To get a 4 person committee you could do this the by taking people from both groups like so: 1 and 3, 2 and 2 and 3 and 1.

That will get you started. I'll help you address the tricky part if you can do up to here. :)
 

1. What are combinations of groups?

Combinations of groups refer to the different ways in which a set of objects can be rearranged into smaller groups. These combinations can vary in size and order, but the total number of objects remains the same.

2. How do you calculate the number of combinations in a group?

The number of combinations in a group can be calculated using the combination formula: nCr = n! / r!(n-r)!, where n is the total number of objects and r is the size of each group.

3. What is the difference between combinations and permutations?

Combinations and permutations both involve rearranging objects, but the main difference is that combinations do not take into account the order of the objects, while permutations do. In combinations, the order of the objects in each group does not matter, whereas in permutations, the order does matter.

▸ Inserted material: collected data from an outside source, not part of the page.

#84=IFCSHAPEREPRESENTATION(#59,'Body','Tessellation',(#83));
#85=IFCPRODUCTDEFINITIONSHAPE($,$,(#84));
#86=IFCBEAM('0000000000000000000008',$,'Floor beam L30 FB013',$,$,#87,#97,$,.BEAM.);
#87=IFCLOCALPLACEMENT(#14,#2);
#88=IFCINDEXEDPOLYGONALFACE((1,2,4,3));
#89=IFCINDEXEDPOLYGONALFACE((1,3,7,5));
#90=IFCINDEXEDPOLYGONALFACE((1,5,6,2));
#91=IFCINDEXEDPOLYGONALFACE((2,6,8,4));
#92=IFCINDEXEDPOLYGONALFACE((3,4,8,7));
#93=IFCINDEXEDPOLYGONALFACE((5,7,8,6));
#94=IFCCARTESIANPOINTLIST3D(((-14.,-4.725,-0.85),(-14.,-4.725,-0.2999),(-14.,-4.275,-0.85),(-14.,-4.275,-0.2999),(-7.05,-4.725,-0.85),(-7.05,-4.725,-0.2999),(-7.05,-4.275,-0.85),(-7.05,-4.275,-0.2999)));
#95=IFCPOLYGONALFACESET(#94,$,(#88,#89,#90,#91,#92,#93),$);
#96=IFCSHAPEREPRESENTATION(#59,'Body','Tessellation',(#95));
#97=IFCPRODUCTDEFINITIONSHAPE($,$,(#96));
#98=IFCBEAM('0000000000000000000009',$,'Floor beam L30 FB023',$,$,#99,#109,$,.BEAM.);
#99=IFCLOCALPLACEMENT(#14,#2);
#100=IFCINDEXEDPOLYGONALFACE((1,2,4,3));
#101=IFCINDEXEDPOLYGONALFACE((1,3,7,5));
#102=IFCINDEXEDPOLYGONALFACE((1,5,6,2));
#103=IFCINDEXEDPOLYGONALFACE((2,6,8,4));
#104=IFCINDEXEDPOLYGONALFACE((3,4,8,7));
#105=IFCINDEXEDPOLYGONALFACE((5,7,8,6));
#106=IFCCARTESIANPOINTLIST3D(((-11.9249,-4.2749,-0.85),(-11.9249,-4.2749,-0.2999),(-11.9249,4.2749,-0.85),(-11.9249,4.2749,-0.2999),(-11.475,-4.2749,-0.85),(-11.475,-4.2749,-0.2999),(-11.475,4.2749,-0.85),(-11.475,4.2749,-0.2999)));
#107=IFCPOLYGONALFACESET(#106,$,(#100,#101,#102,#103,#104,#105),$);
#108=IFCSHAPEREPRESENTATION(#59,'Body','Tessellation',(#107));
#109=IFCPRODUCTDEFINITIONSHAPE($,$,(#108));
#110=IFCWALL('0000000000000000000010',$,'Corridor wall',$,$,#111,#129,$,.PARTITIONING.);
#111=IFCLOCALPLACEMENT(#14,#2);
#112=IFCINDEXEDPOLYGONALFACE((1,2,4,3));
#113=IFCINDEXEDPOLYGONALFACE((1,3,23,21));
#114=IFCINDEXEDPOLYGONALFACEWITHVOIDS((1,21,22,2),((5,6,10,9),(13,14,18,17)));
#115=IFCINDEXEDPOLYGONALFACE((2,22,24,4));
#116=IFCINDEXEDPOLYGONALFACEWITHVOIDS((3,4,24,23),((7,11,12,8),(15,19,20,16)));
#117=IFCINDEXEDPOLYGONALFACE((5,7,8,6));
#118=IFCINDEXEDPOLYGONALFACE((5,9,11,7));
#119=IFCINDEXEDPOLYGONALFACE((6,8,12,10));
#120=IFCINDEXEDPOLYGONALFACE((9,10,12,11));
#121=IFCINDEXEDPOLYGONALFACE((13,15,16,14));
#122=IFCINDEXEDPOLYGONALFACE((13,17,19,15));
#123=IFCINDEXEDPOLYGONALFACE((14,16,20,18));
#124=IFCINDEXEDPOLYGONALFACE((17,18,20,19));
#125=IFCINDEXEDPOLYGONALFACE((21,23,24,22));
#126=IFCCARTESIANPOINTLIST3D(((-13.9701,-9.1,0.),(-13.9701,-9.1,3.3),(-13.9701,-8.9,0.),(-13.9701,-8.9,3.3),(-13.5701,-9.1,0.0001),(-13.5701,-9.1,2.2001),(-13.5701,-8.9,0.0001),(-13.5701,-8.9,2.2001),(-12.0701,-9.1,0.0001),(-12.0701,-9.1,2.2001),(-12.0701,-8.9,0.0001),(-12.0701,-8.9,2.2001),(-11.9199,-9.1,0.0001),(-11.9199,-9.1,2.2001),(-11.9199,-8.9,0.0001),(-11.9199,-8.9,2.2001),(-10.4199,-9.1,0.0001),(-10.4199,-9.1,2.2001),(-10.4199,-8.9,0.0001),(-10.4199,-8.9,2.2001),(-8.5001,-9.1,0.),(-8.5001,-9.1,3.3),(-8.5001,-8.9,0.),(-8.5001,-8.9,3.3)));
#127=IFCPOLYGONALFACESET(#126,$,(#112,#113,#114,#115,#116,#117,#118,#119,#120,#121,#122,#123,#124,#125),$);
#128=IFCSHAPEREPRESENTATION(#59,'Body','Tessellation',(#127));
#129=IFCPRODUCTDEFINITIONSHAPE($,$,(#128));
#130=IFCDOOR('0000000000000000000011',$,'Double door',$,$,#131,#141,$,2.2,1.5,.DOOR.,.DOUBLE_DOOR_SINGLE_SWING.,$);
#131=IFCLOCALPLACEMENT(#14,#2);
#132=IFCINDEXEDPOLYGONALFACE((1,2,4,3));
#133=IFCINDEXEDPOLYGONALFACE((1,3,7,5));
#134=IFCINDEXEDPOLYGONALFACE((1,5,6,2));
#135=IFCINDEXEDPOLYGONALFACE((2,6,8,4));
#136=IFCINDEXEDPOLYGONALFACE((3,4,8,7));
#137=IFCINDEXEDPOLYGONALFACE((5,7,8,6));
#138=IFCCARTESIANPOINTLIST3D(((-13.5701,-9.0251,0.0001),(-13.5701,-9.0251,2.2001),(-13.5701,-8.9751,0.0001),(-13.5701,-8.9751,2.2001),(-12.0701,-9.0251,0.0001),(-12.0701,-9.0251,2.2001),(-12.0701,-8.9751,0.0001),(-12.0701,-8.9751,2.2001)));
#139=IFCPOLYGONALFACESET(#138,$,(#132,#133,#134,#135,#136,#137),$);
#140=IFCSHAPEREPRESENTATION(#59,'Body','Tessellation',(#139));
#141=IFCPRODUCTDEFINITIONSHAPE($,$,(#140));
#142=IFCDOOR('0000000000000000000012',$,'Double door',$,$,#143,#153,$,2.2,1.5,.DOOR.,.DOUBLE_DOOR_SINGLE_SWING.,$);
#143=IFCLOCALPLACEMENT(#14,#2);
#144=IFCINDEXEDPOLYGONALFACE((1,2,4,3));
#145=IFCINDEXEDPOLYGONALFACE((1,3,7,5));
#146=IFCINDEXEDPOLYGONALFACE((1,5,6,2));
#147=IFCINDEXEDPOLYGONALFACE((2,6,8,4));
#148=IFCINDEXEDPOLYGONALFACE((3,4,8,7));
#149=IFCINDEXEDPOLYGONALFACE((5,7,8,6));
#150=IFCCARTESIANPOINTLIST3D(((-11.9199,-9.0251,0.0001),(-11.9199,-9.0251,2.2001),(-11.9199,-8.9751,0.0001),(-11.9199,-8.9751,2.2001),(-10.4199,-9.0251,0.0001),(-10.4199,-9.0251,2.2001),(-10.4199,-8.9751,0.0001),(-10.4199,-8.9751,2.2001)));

4. Can combinations of groups be used in real-life applications?

Yes, combinations of groups have various real-life applications, such as in genetics, where different combinations of genes can result in different physical traits. They are also used in probability and statistics to calculate the likelihood of certain events occurring.

5. Are there any limitations to using combinations of groups?

One limitation of using combinations of groups is that they can only be used for objects that are distinct and do not have any duplicates. Additionally, the size of the groups must be smaller than the total number of objects in order to calculate the number of combinations.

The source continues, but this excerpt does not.